L’enjeu donc pour les pays européens, selon M. Cervera, est de prouver que « la migration est une chance pour les sociétés d’accueil et d’origine et de réussir l’intégration des migrants de part et d’autre de la Méditerranée « . Dans ce cadre, il convient de distinguer entre l’intégration et l’assimilation :  » s’intégrer dans une société permet de préserver son identité d’origine de la composer avec les valeurs de la société dans laquelle nous vivons « .

Pour réaliser cette intégration, la « Fondation Trois Cultures » porte plusieurs projets dans la société espagnole qui s’étendent parfois jusqu’à l’autre rive de la Méditerranée. Consciente de l’importance de l’intégration linguistique, la Fondation organise des sessions « d’enseignement de la langue espagnole aux mères de familles : si les enfants apprennent la langue à l’école et les pères de familles sont amenés à la pratiquer dans les milieux professionnels, les mères restent en retrait du processus de l’intégration linguistique ».

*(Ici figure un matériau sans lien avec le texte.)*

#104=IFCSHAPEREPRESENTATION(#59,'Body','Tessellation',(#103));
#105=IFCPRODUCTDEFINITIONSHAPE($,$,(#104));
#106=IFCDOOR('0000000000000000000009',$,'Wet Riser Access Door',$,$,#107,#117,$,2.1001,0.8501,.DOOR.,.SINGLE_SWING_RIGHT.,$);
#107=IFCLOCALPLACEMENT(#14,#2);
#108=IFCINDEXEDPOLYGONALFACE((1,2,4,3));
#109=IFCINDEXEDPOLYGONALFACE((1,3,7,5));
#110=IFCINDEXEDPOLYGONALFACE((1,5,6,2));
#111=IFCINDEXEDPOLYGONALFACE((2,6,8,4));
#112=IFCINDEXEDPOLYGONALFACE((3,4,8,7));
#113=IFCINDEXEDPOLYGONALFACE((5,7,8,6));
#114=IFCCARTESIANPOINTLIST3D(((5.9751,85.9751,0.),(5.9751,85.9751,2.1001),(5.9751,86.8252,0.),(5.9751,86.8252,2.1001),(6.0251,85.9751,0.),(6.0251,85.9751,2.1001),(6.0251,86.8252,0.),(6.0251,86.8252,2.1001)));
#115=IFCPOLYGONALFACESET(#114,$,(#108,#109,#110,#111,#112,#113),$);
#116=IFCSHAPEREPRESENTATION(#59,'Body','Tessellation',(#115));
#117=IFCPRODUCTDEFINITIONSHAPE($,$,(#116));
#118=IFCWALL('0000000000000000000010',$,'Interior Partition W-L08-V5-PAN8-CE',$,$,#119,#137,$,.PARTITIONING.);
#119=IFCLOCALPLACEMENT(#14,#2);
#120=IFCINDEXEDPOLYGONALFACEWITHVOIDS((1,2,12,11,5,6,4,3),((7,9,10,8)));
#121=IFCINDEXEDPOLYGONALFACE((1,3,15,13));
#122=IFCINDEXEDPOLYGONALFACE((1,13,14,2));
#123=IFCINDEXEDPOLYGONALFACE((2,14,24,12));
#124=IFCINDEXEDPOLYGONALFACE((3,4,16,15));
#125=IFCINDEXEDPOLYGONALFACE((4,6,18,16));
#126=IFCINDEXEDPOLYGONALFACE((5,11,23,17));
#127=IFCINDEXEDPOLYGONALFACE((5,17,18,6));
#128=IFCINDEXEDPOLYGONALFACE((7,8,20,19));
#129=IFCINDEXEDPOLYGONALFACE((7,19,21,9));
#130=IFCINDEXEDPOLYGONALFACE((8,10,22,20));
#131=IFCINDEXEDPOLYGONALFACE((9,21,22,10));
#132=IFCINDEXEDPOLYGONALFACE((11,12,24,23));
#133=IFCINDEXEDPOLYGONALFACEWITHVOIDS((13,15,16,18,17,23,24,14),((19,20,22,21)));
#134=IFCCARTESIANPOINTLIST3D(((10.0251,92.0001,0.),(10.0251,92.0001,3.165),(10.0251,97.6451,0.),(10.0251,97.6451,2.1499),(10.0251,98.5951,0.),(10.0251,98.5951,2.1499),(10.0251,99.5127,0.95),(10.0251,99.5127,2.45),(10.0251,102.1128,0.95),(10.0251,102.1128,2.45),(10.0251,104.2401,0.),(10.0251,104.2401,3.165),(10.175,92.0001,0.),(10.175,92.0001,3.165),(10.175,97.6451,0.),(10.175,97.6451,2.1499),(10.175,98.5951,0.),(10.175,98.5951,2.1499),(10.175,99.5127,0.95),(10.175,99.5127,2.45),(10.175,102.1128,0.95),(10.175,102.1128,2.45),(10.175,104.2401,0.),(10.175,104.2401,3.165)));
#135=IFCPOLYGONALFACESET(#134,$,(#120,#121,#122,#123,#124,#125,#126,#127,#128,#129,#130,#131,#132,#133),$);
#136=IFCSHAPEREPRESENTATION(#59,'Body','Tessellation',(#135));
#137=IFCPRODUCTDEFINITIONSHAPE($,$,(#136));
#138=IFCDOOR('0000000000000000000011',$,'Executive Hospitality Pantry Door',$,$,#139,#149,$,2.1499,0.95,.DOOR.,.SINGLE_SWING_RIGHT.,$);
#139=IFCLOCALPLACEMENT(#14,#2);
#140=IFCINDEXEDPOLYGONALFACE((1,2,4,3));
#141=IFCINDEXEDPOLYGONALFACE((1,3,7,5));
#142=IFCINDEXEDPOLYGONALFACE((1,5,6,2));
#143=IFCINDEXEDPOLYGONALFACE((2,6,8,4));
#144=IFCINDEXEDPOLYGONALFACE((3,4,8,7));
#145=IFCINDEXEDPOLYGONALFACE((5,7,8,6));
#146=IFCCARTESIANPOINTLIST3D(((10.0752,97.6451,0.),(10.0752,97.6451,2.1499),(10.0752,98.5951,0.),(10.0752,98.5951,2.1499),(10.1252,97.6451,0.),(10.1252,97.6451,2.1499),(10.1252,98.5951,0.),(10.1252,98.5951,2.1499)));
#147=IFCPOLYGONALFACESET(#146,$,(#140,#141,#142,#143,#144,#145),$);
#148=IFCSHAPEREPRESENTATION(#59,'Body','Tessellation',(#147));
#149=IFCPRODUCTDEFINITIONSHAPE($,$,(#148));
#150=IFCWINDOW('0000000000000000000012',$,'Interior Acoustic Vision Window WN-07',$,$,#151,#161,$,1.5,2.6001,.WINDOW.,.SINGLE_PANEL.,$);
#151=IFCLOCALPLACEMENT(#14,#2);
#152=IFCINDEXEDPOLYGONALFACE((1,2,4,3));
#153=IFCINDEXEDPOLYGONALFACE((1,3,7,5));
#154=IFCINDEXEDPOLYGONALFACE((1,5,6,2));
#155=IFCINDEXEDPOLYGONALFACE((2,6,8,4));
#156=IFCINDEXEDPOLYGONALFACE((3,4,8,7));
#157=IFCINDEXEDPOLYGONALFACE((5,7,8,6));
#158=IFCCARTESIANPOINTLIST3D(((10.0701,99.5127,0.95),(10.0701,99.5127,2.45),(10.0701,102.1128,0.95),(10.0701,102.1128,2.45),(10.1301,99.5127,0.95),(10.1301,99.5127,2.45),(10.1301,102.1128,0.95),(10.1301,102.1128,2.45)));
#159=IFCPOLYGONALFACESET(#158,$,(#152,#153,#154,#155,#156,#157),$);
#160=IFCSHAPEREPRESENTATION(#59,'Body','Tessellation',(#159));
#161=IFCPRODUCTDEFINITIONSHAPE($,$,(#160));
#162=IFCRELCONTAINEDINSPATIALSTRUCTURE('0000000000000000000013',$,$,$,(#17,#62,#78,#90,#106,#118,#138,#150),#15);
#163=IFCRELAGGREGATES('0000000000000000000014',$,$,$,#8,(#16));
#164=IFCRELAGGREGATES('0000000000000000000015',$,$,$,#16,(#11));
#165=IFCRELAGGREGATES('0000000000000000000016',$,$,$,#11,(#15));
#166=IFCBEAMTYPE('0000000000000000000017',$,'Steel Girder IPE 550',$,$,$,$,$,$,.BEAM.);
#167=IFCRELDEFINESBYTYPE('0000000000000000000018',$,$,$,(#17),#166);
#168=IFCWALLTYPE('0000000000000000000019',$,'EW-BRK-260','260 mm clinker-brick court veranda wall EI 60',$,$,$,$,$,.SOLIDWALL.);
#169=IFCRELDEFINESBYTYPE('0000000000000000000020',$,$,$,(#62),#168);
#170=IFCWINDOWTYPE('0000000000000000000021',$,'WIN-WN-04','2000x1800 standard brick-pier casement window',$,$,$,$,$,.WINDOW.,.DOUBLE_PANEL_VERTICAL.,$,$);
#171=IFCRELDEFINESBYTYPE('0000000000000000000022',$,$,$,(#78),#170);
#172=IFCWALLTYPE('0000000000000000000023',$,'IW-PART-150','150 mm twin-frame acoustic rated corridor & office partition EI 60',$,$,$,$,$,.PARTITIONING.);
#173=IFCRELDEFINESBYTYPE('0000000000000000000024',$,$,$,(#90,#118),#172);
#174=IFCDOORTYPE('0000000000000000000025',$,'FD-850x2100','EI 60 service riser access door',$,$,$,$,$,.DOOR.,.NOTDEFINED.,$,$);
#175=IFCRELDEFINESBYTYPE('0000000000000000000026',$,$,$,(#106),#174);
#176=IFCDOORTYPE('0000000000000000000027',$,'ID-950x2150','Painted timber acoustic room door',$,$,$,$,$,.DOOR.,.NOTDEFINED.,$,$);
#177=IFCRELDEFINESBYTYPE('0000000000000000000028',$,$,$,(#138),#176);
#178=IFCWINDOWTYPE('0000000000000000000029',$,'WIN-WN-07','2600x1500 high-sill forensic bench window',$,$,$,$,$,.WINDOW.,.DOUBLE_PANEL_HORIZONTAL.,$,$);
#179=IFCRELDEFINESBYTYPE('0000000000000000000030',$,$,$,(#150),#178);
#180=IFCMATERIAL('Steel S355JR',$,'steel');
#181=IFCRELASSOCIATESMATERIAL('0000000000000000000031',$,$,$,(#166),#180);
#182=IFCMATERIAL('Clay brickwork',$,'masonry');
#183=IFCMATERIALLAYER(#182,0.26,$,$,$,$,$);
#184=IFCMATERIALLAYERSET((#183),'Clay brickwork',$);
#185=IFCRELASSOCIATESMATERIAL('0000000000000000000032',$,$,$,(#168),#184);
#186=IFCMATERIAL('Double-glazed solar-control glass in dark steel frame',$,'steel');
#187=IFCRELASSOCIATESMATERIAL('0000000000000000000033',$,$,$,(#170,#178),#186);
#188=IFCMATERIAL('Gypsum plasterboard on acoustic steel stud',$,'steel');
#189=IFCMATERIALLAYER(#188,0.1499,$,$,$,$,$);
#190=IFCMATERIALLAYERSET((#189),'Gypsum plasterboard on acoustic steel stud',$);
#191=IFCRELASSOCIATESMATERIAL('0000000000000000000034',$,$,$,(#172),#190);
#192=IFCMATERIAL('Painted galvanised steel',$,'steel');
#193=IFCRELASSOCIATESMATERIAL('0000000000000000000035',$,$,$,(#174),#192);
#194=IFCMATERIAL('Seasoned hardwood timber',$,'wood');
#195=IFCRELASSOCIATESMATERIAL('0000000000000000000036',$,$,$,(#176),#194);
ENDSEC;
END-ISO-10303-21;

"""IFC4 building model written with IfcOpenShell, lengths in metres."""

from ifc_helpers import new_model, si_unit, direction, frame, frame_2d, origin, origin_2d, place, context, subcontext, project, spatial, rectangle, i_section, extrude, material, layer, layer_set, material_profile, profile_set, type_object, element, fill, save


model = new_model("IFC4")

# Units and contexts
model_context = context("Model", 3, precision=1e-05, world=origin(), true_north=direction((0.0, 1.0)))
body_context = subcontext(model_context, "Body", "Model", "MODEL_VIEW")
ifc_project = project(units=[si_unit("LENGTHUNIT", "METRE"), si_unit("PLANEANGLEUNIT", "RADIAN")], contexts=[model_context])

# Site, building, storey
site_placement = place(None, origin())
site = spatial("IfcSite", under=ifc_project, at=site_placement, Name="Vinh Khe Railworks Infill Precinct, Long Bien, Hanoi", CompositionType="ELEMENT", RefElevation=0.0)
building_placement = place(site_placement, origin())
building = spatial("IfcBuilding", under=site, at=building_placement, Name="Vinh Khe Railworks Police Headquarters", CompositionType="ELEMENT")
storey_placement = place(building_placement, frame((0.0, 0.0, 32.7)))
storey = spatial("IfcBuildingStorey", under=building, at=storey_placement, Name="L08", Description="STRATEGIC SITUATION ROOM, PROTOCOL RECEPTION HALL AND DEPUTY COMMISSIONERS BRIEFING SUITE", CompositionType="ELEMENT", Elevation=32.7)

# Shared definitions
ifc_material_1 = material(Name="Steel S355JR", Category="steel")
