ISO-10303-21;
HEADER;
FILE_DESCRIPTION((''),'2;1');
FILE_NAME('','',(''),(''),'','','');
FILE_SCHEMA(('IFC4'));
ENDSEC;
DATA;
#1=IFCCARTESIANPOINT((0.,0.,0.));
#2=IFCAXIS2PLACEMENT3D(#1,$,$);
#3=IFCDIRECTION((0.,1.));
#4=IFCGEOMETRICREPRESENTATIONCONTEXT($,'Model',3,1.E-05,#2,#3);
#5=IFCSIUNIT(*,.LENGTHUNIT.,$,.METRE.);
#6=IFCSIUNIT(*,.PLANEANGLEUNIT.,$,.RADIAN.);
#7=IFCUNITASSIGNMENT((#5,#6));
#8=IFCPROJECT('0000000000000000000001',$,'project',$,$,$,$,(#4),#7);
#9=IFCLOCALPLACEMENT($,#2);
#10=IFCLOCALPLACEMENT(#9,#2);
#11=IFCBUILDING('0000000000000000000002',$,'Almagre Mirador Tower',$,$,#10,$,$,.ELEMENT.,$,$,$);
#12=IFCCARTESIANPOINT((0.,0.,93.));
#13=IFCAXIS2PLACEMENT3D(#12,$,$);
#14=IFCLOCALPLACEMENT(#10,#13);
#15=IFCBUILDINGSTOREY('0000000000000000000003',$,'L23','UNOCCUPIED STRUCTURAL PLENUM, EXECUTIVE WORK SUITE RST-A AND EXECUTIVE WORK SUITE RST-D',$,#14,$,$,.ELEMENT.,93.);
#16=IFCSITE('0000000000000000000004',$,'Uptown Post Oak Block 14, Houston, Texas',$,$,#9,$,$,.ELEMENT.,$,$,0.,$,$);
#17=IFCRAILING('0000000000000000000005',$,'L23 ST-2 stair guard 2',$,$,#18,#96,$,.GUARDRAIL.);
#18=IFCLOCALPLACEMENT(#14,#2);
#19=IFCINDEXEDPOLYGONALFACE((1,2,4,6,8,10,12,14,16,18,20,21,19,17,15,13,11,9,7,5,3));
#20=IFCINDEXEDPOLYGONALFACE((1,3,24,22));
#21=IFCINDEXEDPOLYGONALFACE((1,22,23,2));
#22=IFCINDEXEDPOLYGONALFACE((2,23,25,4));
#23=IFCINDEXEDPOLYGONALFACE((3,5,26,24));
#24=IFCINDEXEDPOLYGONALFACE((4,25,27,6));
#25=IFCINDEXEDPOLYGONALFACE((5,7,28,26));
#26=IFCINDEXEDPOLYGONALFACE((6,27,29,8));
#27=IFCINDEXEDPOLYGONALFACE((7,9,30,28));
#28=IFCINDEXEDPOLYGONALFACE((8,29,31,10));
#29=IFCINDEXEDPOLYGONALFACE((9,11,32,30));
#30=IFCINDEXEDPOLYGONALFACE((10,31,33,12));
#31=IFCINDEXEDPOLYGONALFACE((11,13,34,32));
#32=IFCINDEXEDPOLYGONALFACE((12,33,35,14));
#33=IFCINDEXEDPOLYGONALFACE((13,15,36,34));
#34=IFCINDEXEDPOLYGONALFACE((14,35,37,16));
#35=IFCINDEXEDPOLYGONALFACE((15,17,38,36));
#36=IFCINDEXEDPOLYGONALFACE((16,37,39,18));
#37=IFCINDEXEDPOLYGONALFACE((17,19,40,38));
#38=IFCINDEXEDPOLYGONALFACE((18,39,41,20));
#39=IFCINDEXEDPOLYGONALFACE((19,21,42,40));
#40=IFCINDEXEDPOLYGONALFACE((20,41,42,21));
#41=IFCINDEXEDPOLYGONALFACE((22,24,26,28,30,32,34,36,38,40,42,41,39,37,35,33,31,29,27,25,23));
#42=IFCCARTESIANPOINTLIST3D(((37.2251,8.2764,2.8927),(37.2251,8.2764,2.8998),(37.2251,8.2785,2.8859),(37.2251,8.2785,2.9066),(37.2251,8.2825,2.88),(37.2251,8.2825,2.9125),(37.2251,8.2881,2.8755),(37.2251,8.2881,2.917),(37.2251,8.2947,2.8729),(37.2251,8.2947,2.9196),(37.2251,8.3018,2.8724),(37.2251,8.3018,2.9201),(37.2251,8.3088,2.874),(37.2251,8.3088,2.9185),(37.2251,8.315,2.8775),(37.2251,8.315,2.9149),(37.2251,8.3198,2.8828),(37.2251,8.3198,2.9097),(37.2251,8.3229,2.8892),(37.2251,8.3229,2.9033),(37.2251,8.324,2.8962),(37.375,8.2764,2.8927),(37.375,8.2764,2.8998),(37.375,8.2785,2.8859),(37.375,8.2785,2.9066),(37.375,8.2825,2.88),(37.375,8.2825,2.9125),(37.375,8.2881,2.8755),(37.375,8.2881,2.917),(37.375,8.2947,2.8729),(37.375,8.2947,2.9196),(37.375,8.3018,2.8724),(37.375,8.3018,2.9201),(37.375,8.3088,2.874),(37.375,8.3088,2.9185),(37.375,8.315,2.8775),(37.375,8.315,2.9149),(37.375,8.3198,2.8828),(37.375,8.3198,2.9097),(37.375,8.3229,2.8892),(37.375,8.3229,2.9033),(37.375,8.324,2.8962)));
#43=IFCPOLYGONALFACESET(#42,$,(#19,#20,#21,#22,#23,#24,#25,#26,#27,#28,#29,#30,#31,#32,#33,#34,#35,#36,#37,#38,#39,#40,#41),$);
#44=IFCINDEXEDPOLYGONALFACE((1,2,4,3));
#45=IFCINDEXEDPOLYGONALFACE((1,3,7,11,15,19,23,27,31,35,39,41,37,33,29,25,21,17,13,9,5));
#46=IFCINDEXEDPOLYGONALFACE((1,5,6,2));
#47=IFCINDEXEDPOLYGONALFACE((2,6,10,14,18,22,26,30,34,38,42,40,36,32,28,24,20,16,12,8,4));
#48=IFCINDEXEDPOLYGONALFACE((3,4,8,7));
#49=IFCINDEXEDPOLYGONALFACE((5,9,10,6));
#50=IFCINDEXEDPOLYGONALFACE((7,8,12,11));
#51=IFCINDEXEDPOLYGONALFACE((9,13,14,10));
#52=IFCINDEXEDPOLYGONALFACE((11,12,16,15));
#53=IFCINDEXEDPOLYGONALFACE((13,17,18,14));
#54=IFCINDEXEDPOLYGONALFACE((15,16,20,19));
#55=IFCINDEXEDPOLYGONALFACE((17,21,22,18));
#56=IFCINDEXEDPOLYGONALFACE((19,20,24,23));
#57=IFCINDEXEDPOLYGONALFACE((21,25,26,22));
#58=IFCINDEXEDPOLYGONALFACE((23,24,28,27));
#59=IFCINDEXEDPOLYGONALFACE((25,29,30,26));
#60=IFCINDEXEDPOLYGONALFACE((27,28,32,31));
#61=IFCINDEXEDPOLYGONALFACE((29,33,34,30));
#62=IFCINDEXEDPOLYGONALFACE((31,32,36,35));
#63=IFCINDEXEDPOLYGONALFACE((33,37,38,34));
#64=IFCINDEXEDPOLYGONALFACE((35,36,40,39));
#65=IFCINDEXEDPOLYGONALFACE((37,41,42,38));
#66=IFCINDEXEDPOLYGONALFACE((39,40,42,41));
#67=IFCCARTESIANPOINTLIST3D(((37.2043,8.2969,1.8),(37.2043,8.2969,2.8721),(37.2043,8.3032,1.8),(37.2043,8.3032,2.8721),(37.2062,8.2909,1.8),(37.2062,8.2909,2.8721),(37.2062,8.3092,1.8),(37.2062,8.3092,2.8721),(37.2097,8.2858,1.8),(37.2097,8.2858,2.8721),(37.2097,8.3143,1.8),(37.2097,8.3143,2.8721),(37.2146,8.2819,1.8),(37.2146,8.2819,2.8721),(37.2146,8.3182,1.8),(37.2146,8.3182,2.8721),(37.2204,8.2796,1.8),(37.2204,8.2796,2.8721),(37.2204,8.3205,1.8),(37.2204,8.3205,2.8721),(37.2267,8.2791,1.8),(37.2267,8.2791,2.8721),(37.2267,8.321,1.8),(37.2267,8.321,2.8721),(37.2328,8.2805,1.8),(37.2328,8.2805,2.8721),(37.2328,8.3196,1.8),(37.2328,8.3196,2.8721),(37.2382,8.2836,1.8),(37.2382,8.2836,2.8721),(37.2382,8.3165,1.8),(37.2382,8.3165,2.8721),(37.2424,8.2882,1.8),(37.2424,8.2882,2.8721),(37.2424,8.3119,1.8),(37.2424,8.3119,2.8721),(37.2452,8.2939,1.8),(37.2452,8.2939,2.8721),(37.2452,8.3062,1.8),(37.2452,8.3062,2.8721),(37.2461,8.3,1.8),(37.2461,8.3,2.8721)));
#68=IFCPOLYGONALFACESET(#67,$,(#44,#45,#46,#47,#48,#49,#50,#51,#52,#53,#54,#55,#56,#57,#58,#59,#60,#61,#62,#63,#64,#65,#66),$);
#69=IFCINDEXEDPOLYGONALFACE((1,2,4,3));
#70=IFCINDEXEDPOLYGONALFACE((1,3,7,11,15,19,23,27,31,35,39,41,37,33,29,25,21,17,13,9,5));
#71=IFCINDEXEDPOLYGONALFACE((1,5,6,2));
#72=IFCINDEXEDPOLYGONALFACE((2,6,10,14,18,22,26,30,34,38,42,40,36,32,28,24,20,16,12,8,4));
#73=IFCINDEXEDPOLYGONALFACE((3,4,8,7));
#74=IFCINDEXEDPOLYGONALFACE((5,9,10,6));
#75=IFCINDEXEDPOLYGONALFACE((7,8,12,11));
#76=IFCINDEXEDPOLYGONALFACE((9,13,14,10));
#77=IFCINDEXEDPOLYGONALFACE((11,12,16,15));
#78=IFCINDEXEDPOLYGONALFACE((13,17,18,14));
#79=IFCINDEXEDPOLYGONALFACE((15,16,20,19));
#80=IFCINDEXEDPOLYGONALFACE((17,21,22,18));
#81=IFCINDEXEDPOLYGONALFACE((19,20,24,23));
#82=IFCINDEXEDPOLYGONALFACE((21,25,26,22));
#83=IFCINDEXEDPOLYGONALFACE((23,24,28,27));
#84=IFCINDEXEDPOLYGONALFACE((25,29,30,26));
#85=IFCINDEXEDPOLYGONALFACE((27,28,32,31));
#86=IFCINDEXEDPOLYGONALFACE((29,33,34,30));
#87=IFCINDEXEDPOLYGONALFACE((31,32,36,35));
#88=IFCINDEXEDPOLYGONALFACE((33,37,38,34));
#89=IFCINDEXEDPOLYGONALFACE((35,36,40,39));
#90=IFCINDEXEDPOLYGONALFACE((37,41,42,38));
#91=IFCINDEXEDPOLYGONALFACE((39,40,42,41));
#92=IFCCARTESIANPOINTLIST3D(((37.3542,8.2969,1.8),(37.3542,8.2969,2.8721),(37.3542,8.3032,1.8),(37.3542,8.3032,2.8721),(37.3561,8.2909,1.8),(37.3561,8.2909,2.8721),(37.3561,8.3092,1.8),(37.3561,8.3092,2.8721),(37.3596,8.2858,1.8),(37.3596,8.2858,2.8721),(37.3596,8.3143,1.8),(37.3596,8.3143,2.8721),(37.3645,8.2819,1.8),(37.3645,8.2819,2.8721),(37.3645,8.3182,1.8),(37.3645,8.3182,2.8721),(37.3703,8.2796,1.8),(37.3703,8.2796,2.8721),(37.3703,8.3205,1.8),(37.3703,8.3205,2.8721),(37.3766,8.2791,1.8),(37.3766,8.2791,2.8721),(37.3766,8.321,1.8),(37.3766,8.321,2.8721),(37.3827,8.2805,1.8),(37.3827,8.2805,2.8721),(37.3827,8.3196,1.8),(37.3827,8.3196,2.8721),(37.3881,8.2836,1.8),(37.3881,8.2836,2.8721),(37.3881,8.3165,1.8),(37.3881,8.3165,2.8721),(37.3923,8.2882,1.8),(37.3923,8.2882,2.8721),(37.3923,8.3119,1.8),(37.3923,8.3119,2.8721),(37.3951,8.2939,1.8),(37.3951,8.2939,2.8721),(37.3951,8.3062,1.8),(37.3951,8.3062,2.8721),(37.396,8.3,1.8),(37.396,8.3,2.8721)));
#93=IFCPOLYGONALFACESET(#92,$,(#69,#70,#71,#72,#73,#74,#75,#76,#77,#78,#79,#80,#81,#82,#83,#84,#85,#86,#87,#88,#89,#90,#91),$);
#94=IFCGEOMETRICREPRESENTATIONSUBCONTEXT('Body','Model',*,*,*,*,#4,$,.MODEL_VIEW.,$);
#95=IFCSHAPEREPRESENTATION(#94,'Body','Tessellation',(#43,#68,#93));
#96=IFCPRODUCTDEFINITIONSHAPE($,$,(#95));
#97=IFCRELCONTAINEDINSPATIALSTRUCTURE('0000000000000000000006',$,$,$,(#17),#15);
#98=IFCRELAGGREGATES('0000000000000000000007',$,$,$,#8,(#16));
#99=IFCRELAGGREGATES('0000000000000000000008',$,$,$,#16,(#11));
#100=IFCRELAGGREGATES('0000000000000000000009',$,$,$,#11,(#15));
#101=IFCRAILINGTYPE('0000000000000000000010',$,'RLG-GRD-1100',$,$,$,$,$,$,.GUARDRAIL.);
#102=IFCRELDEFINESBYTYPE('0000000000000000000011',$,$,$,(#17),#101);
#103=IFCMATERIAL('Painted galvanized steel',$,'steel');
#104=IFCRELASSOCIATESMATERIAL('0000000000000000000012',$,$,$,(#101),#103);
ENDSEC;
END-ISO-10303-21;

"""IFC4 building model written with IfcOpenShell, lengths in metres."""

from ifc_helpers import new_model, si_unit, direction, frame, origin, origin_2d, place, context, subcontext, project, spatial, circle, extrude, material, type_object, element, save


model = new_model("IFC4")

# Units and contexts
model_context = context("Model", 3, precision=1e-05, world=origin(), true_north=direction((0.0, 1.0)))
body_context = subcontext(model_context, "Body", "Model", "MODEL_VIEW")
ifc_project = project(units=[si_unit("LENGTHUNIT", "METRE"), si_unit("PLANEANGLEUNIT", "RADIAN")], contexts=[model_context])

# Site, building, storey
site_placement = place(None, origin())
site = spatial("IfcSite", under=ifc_project, at=site_placement, Name="Uptown Post Oak Block 14, Houston, Texas", CompositionType="ELEMENT", RefElevation=0.0)
building_placement = place(site_placement, origin())
building = spatial("IfcBuilding", under=site, at=building_placement, Name="Almagre Mirador Tower", CompositionType="ELEMENT")
storey_placement = place(building_placement, frame((0.0, 0.0, 93.0)))
storey = spatial("IfcBuildingStorey", under=building, at=storey_placement, Name="L23", Description="UNOCCUPIED STRUCTURAL PLENUM, EXECUTIVE WORK SUITE RST-A AND EXECUTIVE WORK SUITE RST-D", CompositionType="ELEMENT", Elevation=93.0)

# Railing
ifc_material_1 = material(Name="Painted galvanized steel", Category="steel")
railing_type_1 = type_object("IfcRailingType", Name="RLG-GRD-1100", PredefinedType="GUARDRAIL", material=ifc_material_1)
railing_1_placement = place(storey_placement, frame((37.2251, 8.3, 1.8)))
element("IfcRailing", 1, at=railing_1_placement, inside=storey, type_object=railing_type_1, Name="L23 ST-2 stair guard 2", PredefinedType="GUARDRAIL", context=body_context, shape_type="SweptSolid", body=[
    extrude(circle(Radius=0.0239, at=origin_2d()), frame((0.0, 0.0, 1.0962), z_axis=(1.0, 0.0, 0.0), x_axis=(0.0, 1.0, 0.0)), (0.0, 0.0, 1.0), 0.1499),
    extrude(circle(Radius=0.021, at=origin_2d()), origin(), (0.0, 0.0, 1.0), 1.072),
    extrude(circle(Radius=0.021, at=origin_2d()), frame((0.1499, 0.0, 0.0)), (0.0, 0.0, 1.0), 1.072),
])

save(model, "model.ifc")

La Fondation organise également des cours d’arabe pour les enfants d’immigrés, « pour maintenir le contact avec les membres de leurs familles au Maroc, assurer la communication et soutenir les échanges entre pays d’accueil et d’origine ».   

Hergott : l’expérience française de la gestion de la diversité et de la laïcité

Dès le début de son intervention, M. Jean-Claude Hergott a précisé que le sujet qu’il a choisi de traiter dans cette table-ronde, à savoir la laïcité, est « un concept complexe et un terme pour lequel il n’existe pas de définition qui puisse faire consensus ».

« Tout le débat français repose donc sur le sens de ce mot qui paraît pour la première fois dans le dictionnaire en 1872 ». L’on distingue alors entre le spirituel et le temporel mais ceci « ne signifie pas forcément une séparation entre les deux », avant la promulgation de la loi 1905 qui instaure la séparation des églises et de l’Etat. « La Constitution de 1989 stipule enfin que la République est laïque ».

M. Hergott précise, en ce sens, que « la République est bien laïque, mais pas les individus ». On assiste donc à l’instauration du principe de la neutralité des institutions publiques, à celle de la liberté de croire, de ne pas croire et de changer de religion et à la notion de l’égalité de tous vis-à-vis de la République, quelle que soit la croyance. « La laïcité n’est donc pas une opinion, mais la possibilité d’avoir une opinion ».

Il convient dans le cadre de la laïcité de distinguer entre l’espace publique, l’espace institutionnel et l’espace privé. « L’espace des institutions publiques qui traduit la neutralité des agents de ces institutions, mais pas celle des usagers qui jouissent de la liberté de conviction, avec comme limite la loi de 2004 ; l’espace privé, l’intimité, mais sur laquelle un juge peut tout-à-fait intervenir comme dans le cas d’un divorce où il se prononce sur l’éducation religieuse des enfants ; puis l’espace publique dans lequel se rencontrent les expressions des différentes convictions et dans lequel le religieux peut être présent.

M. Hergott a enfin tenu à préciser qu’au sein de l’Union Européenne, la liberté religieuse est la même quel que soit le pays. « Tous les pays ont la même définition de la liberté, contrôlée par la cours européenne des droits de l’homme, mais que tous les pays ne la vivent pas de la même manière, compte tenu de l’histoire et des évolutions sociétales ».